2011 Julia Robinson/ FOR AMERICAN-STATESMAN; Thor Harris plays a handmade dulcimer during the second set of the Island Arc.
Thor Harris, drummer for the influential experimental rock band Swans and the meditative instrumental project Thor and Friends, made national music headlines Wednesday after his Twitter account was suspended a few days after he posted a video tutorial on “How to Punch a Nazi.”
Turns out, it’s not the video post that got him suspended. Instead it was his background image.
“It was a bunch of drawings of penises, you know, like nice pen and ink drawings of penises,” Harris said over the phone Thursday morning. The artsy male members had been hanging out in the background of his Twitter profile for years, but Twitter didn’t take issue with them until the flurry of outrage about the Nazi video. Someone logged a complaint about “nude and possibly pornograpic images.”
“It’s sort of like code enforcement. If they come to your house and tell you to cut your grass it’s because your neighbor called,” Harris said. He replaced the image with an aerial shot of the recent women’s march at the Texas Capitol, and 24 hours after the suspension his account was back up and running.
So why did Harris, a peacenik who’s quick to give out hugs at shows, who has helped countless artists with his frank videos about his struggles with depression, make a video about punching people?
“I wasn’t condoning punching anyone in the video,” Harris said. He begins the video saying, “If you’re thinking of punching a Nazi, or any member of the Republican party, don’t do it. Peaceful protest is better.” But “if you have to do it” he offer tips.
It was created in response to a widely circulated video of white nationalist, Richard Spencer being punched during an interview on Inauguration Day.
“It just bounced around the Internet like crazy, and honestly, it does make me a little sad to see anybody get punched,” he said. “But then after watching it several hundred times I thought, ‘Man, that punch didn’t quite land just right. There’s a better way to punch somebody.'”
Harris’ video, filmed by his friend and fellow musician Adam Torres, recommends punching through the face to an imaginary target behind the victim’s head.

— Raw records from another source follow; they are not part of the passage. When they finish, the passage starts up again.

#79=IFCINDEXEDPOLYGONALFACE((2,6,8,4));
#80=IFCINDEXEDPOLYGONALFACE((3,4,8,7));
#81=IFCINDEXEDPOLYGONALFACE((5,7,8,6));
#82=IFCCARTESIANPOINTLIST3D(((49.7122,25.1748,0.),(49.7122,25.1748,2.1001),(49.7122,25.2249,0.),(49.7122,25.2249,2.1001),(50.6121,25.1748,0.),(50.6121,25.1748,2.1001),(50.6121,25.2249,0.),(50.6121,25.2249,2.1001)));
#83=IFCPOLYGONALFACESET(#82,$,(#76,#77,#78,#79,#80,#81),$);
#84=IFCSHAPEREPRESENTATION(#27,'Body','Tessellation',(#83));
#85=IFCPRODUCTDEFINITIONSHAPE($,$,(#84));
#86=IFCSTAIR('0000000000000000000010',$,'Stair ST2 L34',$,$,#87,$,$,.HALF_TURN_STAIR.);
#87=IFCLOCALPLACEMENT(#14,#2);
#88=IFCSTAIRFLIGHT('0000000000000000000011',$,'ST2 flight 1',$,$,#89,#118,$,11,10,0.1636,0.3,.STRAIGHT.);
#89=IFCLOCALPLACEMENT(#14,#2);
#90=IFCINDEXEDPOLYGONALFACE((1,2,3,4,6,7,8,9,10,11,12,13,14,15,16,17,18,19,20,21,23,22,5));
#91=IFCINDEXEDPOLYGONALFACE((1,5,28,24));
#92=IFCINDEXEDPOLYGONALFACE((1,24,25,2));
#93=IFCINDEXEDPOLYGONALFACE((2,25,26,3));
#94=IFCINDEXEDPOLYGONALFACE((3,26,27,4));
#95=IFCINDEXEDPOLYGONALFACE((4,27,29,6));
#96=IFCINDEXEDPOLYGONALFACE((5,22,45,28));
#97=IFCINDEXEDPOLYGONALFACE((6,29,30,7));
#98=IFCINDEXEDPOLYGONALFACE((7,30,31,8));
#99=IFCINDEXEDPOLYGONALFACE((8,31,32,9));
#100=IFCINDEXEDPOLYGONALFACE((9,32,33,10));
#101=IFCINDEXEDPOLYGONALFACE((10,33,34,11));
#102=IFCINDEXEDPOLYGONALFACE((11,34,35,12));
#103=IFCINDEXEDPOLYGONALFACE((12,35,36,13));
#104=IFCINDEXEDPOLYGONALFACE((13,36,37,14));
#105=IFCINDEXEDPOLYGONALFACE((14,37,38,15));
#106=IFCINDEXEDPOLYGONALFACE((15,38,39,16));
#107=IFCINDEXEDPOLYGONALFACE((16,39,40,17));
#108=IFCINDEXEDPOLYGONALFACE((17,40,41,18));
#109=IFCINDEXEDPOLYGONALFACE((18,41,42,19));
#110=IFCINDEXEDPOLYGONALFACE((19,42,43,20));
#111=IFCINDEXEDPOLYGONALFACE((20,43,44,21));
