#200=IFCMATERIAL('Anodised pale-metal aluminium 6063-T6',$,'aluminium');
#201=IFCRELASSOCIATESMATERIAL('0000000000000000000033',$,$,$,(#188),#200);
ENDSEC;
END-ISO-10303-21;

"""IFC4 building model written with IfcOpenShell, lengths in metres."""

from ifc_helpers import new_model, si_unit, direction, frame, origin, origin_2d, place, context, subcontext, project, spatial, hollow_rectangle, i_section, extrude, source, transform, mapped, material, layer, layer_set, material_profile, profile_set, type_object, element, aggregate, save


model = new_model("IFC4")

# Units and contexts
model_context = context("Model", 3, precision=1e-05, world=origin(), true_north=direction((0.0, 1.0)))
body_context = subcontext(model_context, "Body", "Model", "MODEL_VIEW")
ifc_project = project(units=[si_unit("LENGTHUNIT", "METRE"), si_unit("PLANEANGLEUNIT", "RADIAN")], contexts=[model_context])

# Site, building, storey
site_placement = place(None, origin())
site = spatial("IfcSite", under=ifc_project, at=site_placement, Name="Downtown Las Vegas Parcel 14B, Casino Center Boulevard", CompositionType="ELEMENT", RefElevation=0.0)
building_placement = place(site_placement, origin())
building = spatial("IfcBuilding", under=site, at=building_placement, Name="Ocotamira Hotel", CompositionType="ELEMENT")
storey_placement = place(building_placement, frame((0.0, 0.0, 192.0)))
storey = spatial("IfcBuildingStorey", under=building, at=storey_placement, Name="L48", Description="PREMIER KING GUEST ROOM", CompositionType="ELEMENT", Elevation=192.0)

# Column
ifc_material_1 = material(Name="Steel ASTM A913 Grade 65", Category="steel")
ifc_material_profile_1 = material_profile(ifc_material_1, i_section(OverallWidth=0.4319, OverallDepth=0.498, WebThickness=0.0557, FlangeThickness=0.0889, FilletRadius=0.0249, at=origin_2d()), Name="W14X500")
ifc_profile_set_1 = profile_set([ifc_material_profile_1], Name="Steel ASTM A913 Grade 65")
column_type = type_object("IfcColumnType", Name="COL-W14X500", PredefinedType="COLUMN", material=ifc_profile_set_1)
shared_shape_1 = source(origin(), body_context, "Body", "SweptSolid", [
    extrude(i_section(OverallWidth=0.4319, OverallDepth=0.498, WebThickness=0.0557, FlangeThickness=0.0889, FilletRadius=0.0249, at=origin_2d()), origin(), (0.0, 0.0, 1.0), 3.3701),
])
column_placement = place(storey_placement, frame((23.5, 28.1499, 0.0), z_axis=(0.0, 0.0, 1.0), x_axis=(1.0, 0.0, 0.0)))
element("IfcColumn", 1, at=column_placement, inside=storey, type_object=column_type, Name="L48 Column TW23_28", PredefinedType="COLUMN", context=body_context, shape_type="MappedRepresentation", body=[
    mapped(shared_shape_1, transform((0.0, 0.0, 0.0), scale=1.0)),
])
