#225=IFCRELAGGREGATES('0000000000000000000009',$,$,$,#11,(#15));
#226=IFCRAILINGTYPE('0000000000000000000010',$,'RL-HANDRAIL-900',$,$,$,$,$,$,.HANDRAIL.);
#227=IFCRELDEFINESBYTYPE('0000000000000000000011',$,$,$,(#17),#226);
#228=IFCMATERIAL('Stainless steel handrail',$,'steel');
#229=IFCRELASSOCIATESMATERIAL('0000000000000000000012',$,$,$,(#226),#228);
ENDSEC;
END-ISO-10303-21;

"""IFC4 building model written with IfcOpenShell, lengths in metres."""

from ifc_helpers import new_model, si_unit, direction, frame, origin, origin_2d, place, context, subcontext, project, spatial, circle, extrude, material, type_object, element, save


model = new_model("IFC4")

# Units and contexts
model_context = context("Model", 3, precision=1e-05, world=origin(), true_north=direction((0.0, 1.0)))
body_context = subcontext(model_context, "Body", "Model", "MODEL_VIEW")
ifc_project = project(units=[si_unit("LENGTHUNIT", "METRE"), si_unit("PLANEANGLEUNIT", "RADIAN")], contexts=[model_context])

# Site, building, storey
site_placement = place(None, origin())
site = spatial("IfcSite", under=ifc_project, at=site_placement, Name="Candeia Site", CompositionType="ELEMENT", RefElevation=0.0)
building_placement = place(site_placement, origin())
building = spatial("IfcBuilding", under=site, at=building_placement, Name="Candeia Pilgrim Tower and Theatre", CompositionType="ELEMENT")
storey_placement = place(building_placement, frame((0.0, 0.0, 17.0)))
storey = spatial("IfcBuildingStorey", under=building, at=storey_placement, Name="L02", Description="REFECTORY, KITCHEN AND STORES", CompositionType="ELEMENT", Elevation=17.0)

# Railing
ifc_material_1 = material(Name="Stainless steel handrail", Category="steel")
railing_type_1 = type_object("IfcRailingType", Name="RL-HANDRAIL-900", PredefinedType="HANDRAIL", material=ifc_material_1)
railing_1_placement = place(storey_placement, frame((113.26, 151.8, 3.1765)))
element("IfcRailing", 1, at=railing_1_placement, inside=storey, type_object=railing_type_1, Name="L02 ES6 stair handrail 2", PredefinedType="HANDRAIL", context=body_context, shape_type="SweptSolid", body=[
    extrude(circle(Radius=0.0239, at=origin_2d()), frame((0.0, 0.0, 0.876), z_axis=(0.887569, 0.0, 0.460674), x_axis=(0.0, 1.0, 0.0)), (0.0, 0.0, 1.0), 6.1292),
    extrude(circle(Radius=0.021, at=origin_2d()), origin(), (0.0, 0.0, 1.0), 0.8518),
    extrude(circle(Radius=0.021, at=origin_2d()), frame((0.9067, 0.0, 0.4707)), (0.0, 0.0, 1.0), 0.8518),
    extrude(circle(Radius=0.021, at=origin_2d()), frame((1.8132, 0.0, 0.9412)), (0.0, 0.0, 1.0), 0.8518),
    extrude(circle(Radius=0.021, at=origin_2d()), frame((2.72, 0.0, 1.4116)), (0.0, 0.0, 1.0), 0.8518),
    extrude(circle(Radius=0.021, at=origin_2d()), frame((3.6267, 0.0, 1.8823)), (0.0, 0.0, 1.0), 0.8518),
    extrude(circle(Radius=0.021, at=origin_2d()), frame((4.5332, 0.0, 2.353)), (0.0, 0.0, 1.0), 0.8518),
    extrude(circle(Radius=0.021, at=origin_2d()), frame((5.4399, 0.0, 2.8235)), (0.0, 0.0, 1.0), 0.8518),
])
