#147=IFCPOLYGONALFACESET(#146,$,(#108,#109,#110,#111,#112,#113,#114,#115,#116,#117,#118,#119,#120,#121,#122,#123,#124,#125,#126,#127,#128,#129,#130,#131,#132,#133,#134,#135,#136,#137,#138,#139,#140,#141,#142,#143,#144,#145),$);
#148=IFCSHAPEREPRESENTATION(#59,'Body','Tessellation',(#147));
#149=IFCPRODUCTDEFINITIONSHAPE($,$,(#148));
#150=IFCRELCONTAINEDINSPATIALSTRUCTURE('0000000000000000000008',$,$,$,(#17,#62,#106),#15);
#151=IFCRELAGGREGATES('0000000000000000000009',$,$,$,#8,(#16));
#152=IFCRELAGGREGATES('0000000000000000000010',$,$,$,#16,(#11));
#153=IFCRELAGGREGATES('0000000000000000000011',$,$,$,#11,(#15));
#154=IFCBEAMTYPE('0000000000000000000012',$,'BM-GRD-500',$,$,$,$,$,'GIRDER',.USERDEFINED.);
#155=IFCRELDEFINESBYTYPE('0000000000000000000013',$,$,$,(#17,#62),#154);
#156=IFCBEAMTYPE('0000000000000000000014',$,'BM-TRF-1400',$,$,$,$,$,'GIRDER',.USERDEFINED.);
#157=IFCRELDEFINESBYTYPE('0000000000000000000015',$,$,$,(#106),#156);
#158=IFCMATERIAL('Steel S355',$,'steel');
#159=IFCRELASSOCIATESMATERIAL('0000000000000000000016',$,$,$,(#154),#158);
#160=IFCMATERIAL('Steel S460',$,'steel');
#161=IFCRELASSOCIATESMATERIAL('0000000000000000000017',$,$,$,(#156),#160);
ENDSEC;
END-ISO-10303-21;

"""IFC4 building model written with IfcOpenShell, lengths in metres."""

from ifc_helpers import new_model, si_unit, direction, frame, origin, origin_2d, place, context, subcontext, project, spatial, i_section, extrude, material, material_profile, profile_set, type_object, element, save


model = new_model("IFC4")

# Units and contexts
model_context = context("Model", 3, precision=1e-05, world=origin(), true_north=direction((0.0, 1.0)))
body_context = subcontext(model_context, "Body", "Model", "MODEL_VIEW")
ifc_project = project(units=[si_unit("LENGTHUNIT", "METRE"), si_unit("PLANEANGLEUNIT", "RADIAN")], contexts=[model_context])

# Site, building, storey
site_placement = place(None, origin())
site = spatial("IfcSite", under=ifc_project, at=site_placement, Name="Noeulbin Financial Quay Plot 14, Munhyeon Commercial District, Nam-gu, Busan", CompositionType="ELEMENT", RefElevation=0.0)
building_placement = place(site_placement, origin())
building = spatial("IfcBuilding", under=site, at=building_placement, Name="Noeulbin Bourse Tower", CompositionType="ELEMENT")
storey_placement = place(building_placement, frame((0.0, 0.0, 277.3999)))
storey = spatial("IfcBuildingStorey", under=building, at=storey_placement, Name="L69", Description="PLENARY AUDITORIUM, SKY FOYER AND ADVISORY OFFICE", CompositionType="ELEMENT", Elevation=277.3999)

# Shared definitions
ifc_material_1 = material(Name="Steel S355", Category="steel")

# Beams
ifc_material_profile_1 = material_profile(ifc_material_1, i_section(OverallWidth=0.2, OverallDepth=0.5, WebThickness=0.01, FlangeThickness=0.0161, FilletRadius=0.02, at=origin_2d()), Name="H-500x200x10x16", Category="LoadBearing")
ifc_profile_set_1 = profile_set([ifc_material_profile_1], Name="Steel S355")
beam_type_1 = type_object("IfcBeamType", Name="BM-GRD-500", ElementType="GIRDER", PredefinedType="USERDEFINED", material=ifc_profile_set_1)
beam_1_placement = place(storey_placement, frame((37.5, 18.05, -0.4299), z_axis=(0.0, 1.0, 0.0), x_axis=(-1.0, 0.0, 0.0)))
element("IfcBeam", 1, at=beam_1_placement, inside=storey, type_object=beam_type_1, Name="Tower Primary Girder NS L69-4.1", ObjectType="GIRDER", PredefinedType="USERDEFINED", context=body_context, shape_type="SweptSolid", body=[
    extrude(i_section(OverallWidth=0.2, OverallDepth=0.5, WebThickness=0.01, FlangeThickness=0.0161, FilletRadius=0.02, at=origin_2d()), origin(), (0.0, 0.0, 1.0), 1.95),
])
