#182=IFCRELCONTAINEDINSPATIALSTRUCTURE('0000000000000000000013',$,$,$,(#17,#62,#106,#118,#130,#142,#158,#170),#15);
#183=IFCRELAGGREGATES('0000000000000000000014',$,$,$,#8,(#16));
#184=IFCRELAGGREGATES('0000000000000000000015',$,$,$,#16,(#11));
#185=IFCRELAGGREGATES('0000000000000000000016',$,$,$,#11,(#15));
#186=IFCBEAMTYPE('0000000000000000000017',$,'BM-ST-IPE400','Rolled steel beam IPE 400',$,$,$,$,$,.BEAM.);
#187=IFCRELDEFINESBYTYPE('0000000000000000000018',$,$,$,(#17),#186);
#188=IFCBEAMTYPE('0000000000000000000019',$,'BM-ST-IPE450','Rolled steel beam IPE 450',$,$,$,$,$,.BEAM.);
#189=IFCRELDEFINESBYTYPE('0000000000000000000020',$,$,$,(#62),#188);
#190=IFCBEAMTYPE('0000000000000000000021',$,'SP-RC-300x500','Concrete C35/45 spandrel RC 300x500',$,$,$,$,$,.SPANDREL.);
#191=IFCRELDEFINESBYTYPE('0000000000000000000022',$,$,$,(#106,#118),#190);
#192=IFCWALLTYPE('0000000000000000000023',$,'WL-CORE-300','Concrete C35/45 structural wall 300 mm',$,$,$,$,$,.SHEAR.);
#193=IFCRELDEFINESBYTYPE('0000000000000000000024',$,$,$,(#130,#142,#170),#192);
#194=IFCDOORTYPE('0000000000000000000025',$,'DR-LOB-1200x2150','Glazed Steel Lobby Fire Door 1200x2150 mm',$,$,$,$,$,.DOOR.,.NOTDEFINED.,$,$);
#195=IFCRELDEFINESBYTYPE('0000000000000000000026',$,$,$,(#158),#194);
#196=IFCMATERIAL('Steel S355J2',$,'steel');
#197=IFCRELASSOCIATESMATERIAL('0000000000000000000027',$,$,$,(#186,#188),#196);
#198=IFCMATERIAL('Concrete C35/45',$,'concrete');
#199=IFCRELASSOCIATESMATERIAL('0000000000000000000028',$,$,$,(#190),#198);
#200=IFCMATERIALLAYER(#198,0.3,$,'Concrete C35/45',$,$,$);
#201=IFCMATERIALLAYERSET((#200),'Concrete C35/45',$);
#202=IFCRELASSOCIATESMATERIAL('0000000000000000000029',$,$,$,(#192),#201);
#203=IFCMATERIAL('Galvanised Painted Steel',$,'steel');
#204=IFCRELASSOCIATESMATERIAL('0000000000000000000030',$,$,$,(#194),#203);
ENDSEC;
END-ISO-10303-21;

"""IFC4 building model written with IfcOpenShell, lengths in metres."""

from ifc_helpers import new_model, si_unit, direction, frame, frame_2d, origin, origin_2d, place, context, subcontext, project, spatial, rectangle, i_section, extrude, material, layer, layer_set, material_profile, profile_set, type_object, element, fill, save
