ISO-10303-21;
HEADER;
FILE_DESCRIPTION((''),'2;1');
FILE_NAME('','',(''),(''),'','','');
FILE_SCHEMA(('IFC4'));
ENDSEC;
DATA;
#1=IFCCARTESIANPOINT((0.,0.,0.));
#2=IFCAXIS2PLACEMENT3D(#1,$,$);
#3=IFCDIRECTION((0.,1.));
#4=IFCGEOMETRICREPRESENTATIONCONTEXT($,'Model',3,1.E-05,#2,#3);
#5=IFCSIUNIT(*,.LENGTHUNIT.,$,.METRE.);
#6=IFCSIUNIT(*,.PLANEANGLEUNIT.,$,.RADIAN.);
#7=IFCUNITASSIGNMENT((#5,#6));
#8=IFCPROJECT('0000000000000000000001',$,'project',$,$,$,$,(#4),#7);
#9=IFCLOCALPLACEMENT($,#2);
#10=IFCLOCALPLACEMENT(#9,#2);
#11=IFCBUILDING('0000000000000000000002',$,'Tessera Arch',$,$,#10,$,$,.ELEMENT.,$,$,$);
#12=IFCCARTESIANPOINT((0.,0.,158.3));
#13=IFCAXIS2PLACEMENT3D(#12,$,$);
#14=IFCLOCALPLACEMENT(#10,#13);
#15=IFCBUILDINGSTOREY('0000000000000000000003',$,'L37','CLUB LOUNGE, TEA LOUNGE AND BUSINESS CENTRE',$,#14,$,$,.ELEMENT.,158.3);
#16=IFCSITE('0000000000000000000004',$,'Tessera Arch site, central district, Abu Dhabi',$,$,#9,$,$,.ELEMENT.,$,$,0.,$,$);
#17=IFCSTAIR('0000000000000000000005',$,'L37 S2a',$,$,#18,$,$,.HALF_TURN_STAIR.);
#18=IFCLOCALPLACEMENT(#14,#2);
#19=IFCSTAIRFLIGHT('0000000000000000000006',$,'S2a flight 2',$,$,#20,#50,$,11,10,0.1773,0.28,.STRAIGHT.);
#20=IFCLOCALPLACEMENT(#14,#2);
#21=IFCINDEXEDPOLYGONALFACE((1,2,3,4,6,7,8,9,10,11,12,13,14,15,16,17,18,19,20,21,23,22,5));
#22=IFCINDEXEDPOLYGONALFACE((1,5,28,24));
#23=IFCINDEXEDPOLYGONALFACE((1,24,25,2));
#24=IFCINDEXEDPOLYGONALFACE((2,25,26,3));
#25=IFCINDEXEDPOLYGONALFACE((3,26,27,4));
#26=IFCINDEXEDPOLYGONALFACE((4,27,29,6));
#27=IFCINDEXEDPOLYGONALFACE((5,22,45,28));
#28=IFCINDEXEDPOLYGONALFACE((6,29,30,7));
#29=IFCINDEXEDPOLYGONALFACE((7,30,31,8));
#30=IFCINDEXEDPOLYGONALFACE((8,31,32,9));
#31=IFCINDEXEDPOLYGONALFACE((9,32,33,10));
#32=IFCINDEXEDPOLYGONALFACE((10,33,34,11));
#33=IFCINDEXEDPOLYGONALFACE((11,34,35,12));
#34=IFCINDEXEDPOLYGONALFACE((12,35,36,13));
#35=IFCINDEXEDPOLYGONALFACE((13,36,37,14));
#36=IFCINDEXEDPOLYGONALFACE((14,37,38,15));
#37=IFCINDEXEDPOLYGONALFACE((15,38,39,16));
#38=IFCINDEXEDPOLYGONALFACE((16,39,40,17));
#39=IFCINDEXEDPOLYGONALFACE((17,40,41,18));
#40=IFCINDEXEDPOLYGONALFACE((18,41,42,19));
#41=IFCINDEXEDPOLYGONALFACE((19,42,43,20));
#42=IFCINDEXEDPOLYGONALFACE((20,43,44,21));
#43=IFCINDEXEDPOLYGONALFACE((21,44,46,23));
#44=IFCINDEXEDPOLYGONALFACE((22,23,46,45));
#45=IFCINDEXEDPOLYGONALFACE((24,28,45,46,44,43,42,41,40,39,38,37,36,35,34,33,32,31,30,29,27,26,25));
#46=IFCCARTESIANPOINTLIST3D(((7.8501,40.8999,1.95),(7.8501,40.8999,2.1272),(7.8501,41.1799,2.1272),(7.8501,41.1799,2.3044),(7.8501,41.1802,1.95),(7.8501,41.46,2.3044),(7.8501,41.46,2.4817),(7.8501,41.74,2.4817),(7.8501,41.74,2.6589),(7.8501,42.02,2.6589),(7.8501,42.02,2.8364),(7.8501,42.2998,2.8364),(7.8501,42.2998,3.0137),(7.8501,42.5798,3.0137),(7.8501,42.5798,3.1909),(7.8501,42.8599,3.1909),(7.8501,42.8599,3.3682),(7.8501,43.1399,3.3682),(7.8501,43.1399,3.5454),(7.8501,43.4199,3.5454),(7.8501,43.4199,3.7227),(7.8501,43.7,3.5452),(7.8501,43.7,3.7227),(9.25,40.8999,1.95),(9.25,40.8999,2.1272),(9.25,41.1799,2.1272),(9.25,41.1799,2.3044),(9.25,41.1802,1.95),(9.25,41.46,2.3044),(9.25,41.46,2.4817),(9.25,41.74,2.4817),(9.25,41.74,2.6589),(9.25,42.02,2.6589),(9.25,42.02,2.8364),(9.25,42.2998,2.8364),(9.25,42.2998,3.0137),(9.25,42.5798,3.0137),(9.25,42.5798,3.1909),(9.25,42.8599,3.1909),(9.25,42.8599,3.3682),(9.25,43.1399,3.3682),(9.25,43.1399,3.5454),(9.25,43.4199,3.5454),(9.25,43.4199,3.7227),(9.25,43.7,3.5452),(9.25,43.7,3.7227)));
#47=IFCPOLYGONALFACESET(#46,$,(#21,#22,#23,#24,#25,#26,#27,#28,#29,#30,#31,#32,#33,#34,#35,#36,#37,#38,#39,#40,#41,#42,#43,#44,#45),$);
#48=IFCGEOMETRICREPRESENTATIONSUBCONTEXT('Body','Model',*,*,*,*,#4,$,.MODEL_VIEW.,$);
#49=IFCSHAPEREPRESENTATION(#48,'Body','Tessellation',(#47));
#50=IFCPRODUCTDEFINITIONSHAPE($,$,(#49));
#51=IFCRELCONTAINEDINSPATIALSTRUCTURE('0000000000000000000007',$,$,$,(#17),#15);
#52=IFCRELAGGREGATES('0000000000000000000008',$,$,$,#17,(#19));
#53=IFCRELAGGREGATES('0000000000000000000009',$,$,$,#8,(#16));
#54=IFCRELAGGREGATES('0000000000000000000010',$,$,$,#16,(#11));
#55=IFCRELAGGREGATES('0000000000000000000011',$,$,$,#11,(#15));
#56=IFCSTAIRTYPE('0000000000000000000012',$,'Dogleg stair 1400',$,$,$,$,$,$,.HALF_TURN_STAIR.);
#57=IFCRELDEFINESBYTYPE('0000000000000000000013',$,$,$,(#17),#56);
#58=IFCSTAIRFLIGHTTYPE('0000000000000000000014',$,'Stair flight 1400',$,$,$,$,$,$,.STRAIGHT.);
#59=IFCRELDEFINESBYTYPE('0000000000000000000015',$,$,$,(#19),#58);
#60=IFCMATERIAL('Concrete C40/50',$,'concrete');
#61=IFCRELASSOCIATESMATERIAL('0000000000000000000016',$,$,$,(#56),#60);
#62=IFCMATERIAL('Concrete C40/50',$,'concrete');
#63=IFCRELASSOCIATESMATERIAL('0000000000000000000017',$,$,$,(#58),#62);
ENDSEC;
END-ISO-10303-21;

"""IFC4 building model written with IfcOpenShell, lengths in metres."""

from ifc_helpers import new_model, si_unit, direction, frame, origin, place, context, subcontext, project, spatial, polyline, outline, extrude, material, type_object, element, aggregate, save


model = new_model("IFC4")

# Units and contexts
model_context = context("Model", 3, precision=1e-05, world=origin(), true_north=direction((0.0, 1.0)))
body_context = subcontext(model_context, "Body", "Model", "MODEL_VIEW")
ifc_project = project(units=[si_unit("LENGTHUNIT", "METRE"), si_unit("PLANEANGLEUNIT", "RADIAN")], contexts=[model_context])

# Site, building, storey
site_placement = place(None, origin())
site = spatial("IfcSite", under=ifc_project, at=site_placement, Name="Tessera Arch site, central district, Abu Dhabi", CompositionType="ELEMENT", RefElevation=0.0)
building_placement = place(site_placement, origin())
building = spatial("IfcBuilding", under=site, at=building_placement, Name="Tessera Arch", CompositionType="ELEMENT")
storey_placement = place(building_placement, frame((0.0, 0.0, 158.3)))
storey = spatial("IfcBuildingStorey", under=building, at=storey_placement, Name="L37", Description="CLUB LOUNGE, TEA LOUNGE AND BUSINESS CENTRE", CompositionType="ELEMENT", Elevation=158.3)

# Stair, stair flight
ifc_material_1 = material(Name="Concrete C40/50", Category="concrete")
stair_type = type_object("IfcStairType", Name="Dogleg stair 1400", PredefinedType="HALF_TURN_STAIR", material=ifc_material_1)
stair_placement = place(storey_placement, origin())
stair = element("IfcStair", 1, at=stair_placement, inside=storey, type_object=stair_type, Name="L37 S2a", PredefinedType="HALF_TURN_STAIR")
ifc_material_2 = material(Name="Concrete C40/50", Category="concrete")
stair_flight_type = type_object("IfcStairFlightType", Name="Stair flight 1400", PredefinedType="STRAIGHT", material=ifc_material_2)
stair_flight_1_placement = place(storey_placement, frame((8.55, 40.8999, 1.95), z_axis=(0.0, 0.0, 1.0), x_axis=(0.0, 1.0, 0.0)))
stair_flight_1 = element("IfcStairFlight", 2, at=stair_flight_1_placement, type_object=stair_flight_type, Name="S2a flight 2", NumberOfRisers=11, NumberOfTreads=10, PredefinedType="STRAIGHT", RiserHeight=0.1773, TreadLength=0.28, context=body_context, shape_type="SweptSolid", body=[
    extrude(outline(polyline([(0.0, 0.0), (0.0, 0.1772), (0.28, 0.1772), (0.28, 0.3545), (0.5601, 0.3545), (0.5601, 0.5317), (0.8401, 0.5317), (0.8401, 0.709), (1.1201, 0.709), (1.1201, 0.8865), (1.3999, 0.8865), (1.3999, 1.0637), (1.6799, 1.0637), (1.6799, 1.241), (1.96, 1.241), (1.96, 1.4182), (2.24, 1.4182), (2.24, 1.5955), (2.52, 1.5955), (2.52, 1.7727), (2.8, 1.7727), (2.8, 1.95), (2.8, 1.5952), (0.2803, 0.0), (0.0, 0.0)])), frame((0.0, 0.7, 0.0), z_axis=(0.0, -1.0, 0.0), x_axis=(1.0, 0.0, 0.0)), (0.0, 0.0, 1.0), 1.3999),
])
aggregate(stair, [stair_flight_1])

save(model, "model.ifc")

Harris originally posted the video on Feb.3. Later, Torres translated it into Spanish, subtitled it and he posted it again. It didn’t explode for a day or so and then “it was all over the place.”
It didn’t sit well with Twitter users who identify as Nazis.
“Oooh yeah, man they were pissed off and hateful,” he said. “Tons of them were sending me pictures of their guns… one guy sent me a picture of himself out in the desert shooting at targets and said, ‘This is how you put three holes in an Anti-fa.'” (Anti-fa is shorthand for Anti-fascism, and refers to the black masked, armed groups who show up at protests. Harris is not affiliated with the movement.)
Another Twitter user wanted to meet Harris downtown to fight him on Sixth Street. Harris declined –“Is this junior high?” he said — but the experience was illuminating.
“This thing that’s in the White House is a hostile authoritarian regime,” he said. “It’s a weird very scary time. I hit a nerve with those people. And actually a couple of them, I had reasonable conversations with. This woman, once we started talking, the hate kind of chilled out.”
Ultimately, the video was meant to be humorous. Harris sees humor as “an amazing fluid language” with the potential to inspire change. In the current climate he feels it’s a powerful tool for artists to harness. With inflammatory, racially charged rhetoric running rampant on Twitter, he doesn’t plan to back off.
“A lot of this just comes down to (expletive) racism 101,” he said. “White people who think they have some divine right to this land America. They call it alt-right. It’s just racism and it’s so hideous.”